Driving the Message Home

by | May 15, 2018 | Blog

Memorial Day is a wonderful time to honor our veterans, and it also marks the beginning of the summer season. More cars are expected to be on the road this coming Memorial Day than ever, according to the American Automobile Association.

The newest drivers on the road at any time of year are teenagers, and it’s your responsibility as a parent to teach them the rules of the road.

First and foremost, impress upon your teens that driving while impaired—by alcohol, marijuana or any type of drugs, prescription or illegal—is absolutely forbidden. “Whether by drugs, alcohol or a combination of both, impaired drivers not only risk the lives of themselves and their passengers, but every driver on the road,” says Kathy Knaust, Clinical Supervisor at North Shore Child & Family Guidance Center’s Leeds Place location in Westbury. “Telling them not to drink or use drugs while driving isn’t enough: You must tell them to never get in a car with anyone who has been drinking or drugging.”

Another big problem that has grown by leaps and bounds in the last several years is distracted driving. That might involve eating or drinking, playing with the stereo or navigation system, or the worst offender of all—texting while driving.

According to the National Highway Traffic Safety Administration, texting is the most dangerous of all distractions. The organization reports that sending or reading a text takes your eyes off the road for about five seconds. If you’re driving 55 mph, that’s like driving the length of an entire football field with your eyes closed.

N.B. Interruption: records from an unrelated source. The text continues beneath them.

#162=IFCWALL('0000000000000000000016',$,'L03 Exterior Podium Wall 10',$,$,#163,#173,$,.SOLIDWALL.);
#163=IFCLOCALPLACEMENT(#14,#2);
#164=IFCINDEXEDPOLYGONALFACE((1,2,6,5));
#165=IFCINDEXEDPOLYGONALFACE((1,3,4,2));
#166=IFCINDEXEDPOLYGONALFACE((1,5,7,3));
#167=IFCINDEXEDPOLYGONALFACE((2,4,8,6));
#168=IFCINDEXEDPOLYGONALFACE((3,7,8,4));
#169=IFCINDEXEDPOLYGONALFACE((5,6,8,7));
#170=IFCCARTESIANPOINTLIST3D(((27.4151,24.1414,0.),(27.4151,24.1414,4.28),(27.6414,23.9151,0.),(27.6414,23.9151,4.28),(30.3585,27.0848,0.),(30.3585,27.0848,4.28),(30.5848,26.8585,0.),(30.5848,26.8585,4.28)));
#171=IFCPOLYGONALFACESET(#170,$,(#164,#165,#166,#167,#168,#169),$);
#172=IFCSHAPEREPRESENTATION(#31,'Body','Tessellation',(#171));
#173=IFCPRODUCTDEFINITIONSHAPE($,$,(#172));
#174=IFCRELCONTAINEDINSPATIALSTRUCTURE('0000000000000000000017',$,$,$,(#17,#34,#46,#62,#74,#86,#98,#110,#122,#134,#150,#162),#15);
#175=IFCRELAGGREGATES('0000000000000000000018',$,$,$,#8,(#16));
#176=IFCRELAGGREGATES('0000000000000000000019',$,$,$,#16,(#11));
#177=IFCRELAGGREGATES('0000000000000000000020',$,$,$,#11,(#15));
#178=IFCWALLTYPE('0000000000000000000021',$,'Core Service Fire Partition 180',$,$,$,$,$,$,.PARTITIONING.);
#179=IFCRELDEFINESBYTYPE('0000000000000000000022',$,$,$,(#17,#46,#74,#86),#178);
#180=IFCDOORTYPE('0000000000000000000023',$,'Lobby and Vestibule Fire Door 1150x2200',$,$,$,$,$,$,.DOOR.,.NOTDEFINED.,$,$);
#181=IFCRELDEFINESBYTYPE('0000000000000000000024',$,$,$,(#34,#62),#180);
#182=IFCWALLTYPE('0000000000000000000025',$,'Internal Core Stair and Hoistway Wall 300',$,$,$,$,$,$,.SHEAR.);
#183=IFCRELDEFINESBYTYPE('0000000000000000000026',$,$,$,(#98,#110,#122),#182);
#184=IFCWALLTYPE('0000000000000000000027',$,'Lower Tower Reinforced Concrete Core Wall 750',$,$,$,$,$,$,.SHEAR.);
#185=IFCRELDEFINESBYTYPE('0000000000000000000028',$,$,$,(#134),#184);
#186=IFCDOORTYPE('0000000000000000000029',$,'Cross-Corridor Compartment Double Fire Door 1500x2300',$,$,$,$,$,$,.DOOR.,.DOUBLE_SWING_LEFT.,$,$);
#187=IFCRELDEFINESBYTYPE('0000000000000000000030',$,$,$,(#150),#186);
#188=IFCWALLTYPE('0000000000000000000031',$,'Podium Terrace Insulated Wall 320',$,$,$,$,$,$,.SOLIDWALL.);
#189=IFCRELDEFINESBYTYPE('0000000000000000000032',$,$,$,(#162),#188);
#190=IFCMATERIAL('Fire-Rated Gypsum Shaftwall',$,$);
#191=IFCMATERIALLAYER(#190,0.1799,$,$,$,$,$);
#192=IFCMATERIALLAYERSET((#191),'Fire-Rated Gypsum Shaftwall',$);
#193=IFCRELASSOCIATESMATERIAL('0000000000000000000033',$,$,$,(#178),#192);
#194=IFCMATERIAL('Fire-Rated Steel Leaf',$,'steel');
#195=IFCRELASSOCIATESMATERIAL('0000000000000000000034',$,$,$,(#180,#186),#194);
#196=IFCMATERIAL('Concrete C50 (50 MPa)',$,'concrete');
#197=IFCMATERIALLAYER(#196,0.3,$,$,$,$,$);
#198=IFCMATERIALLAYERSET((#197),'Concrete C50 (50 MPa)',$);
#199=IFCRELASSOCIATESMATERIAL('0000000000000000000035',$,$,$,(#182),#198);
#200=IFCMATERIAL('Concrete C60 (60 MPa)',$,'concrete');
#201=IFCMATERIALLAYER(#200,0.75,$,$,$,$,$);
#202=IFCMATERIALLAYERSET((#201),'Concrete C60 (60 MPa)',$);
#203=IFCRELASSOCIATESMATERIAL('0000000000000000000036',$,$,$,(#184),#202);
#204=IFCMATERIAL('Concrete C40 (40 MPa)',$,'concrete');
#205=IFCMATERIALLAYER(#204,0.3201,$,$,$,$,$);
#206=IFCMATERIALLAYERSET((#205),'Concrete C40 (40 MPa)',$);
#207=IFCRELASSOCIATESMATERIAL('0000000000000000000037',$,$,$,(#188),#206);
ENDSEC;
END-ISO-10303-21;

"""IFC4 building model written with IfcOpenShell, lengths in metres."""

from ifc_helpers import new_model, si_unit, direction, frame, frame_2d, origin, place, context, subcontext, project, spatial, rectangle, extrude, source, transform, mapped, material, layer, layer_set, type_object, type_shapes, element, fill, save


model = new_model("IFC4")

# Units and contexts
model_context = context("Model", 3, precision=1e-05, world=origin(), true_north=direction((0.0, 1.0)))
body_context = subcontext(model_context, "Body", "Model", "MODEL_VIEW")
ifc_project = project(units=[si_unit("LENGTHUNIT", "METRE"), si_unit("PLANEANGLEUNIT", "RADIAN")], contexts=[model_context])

During the daytime, estimates are that nearly 500,000 people are using cell phones while driving, with teens as the largest group reported as distracted at the time of fatal crashes. No texting while driving must be an unbreakable rule that is strictly enforced.

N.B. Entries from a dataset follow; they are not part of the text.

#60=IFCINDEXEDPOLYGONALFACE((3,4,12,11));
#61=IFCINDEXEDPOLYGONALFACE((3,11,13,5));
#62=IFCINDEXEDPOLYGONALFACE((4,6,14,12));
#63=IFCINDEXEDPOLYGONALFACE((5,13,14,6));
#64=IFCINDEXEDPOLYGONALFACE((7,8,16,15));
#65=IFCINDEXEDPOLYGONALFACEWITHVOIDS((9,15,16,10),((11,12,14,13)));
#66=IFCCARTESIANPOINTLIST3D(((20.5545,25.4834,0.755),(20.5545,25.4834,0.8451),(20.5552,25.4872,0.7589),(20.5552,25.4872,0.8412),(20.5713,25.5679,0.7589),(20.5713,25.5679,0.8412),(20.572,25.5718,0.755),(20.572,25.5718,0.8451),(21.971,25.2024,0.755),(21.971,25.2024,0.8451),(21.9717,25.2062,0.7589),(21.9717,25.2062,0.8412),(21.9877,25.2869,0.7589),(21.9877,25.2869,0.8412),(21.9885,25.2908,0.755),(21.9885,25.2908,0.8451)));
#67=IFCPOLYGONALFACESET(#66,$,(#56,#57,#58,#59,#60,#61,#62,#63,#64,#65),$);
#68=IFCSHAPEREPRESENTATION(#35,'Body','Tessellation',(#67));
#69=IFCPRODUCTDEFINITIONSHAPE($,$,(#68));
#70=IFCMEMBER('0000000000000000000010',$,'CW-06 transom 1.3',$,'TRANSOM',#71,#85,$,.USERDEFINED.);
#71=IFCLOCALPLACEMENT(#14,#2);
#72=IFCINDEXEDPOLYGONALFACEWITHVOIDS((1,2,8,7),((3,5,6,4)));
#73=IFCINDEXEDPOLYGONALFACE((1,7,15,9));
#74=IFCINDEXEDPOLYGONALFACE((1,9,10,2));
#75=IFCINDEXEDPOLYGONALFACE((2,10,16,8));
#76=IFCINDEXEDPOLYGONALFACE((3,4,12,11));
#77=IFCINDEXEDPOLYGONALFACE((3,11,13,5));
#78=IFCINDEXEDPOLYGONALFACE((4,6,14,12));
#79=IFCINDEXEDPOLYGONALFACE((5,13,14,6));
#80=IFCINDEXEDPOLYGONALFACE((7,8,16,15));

Before they are even old enough to drive, you will be your teens’ role model as to what safe driving is. When they are ready to learn, talk to them about what you are doing as you drive them around. Some tips:

  • Tell them about the safe distance between your car and the one ahead of you.
  • Explain to them that the “9 and 3” positions on the steering wheel are the safest hand placement because it allows the airbags to inflate properly and safely.
  • Show them that you obey stop signs, speed limits and all of the other rules of the road.

When they get their driving permits and are ready to hit the road, take it slow. Practice somewhere that there are no other cars, like an empty parking lot. When they make a mistake, correct them by asking questions rather than telling them what they should have done; instead of berating them, ask them a question. For example, if they’re going too fast, ask them what the speed limit is. That will help them learn to pay attention in the future.

We wish you and your family safe travels throughout the year!